Sehr interessant... Seit der "Neujahrsbotschaft" 1... sie ist in aller Munde, sie war ein guter Schock; sogar in den Regierungskreisen, überall, und nun gibt sich jeder als "Verteidiger der Wahrheit" aus, und man stellt mir Fragen, und jeder wundert sich, warum die Wahrheit, so wie er sie auffaßt, nicht schon in der Welt begründet ist. In zunehmendem Maße muß ich jetzt die Wahrheit gegen all diese Auffassungen der Wahrheit verteidigen! Das ist recht interessant.

Zum Beispiel gibt es hier diese alten Vorstellungen über vegetarische Ernährung. Manche Leute schreiben mir empört, daß man im Ashram diese "heiligen Regeln" immer öfter breche. Man hatte mir ein erstes Mal geschrieben und um Antwort gebeten; ich antwortete nicht sofort; da schrieb man mir ein zweites Mal und beschwerte sich: "... Wenn Sie nicht antworten, was können wir dann tun?" Ich antwortete (wahrscheinlich werden sie ihre Frage jetzt bereuen):

Die Wahrheit ist kein Dogma, das man ein für allemal lernen und als Richtschnur nehmen kann. Die Wahrheit ist unendlich wie der höchste Herr, und für die Aufrichtigen und Aufmerksamen manifestiert sie sich in jedem Augenblick.

Ich hätte andere Dinge hinzufügen können, die ich nicht aussprach, um keine zu offene Schlacht zu liefern!

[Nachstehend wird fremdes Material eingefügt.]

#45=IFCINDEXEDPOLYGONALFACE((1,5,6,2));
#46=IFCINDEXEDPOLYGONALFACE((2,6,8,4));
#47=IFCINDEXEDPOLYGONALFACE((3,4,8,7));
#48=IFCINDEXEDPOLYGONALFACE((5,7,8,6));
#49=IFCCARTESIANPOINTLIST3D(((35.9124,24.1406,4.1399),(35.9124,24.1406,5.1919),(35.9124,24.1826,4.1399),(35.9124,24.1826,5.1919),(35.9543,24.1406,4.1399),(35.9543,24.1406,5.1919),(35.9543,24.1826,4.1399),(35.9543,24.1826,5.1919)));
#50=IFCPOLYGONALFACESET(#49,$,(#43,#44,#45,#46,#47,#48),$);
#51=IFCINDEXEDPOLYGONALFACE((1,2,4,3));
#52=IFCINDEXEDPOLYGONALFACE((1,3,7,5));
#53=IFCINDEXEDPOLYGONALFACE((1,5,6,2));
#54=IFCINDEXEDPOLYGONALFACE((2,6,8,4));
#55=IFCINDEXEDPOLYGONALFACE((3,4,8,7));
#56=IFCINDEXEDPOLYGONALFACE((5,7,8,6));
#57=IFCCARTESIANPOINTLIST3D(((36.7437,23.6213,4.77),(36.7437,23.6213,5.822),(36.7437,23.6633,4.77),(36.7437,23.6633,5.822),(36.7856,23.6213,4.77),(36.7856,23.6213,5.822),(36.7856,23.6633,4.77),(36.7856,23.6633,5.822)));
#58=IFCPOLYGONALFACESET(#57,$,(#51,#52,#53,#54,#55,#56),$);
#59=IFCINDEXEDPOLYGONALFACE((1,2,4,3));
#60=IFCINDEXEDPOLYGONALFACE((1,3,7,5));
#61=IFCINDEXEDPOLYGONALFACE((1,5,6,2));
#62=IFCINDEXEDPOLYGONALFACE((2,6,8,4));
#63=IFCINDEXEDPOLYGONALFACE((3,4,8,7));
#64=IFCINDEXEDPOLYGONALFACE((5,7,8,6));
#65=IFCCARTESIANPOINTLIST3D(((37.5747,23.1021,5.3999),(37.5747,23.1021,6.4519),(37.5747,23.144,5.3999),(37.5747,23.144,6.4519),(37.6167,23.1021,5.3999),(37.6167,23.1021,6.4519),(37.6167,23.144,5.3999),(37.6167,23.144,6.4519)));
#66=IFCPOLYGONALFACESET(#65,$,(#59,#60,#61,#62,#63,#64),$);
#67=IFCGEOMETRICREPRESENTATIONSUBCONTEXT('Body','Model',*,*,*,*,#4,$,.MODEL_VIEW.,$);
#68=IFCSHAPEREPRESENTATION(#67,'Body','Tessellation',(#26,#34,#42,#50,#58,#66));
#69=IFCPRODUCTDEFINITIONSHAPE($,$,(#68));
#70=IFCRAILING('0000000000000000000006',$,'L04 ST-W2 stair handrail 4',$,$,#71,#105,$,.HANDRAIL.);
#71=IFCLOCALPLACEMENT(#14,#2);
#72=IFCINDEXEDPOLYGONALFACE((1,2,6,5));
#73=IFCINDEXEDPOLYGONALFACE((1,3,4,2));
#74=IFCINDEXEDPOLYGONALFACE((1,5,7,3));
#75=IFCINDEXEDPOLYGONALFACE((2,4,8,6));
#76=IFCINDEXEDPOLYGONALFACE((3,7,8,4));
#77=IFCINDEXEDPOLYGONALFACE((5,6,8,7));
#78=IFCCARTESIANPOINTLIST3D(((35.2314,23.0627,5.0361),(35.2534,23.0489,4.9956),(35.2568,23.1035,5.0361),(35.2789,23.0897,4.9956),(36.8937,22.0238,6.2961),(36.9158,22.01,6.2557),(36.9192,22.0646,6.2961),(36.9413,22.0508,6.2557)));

Am selben Tag, nämlich heute, erhielt ich einen anderen Brief... der ganze Brief zieht über alles her, was sich im Ashram abspielt: "Was! Dieser Ort ist ja schlimmer als die restliche Welt!" usw. (Und das natürlich im Namen der "Wahrheit".)

Daher (lachend) antwortete ich:

Wenn die Wahrheit sich so manifestieren würde, daß sie von allen gesehen und verstanden werden könnte, wären sie erschreckt über die Ungeheuerlichkeit ihres Unwissens und ihrer falschen Interpretation.

Diesmal habe ich hart zugeschlagen.

Und so geht das weiter.

Tag für Tag geht es so, es spitzt sich zu. Jeder hält sich für einen "Verteidiger der Wahrheit". Beim einen geht es um die Ernährung, beim andern um Geld, bei wieder einem anderen um Geschäfte, bei noch einem anderen um Beziehungen... – jeder hat sein Steckenpferd.

Es ist erstaunlich, daß mir bis jetzt noch kein einziger gesagt hat: "Vielleicht sind meine Ideen nicht wahr" – Nicht einer! "Vielleicht ist meine Art, die Dinge zu sehen und zu fühlen, nicht wahr" – Nicht einer. Sie stehen alle vollkommen in der Wahrheit.

Sehr interessant.

Oft sind die Verteidiger der Wahrheit schlimmer als die Feinde der Wahrheit.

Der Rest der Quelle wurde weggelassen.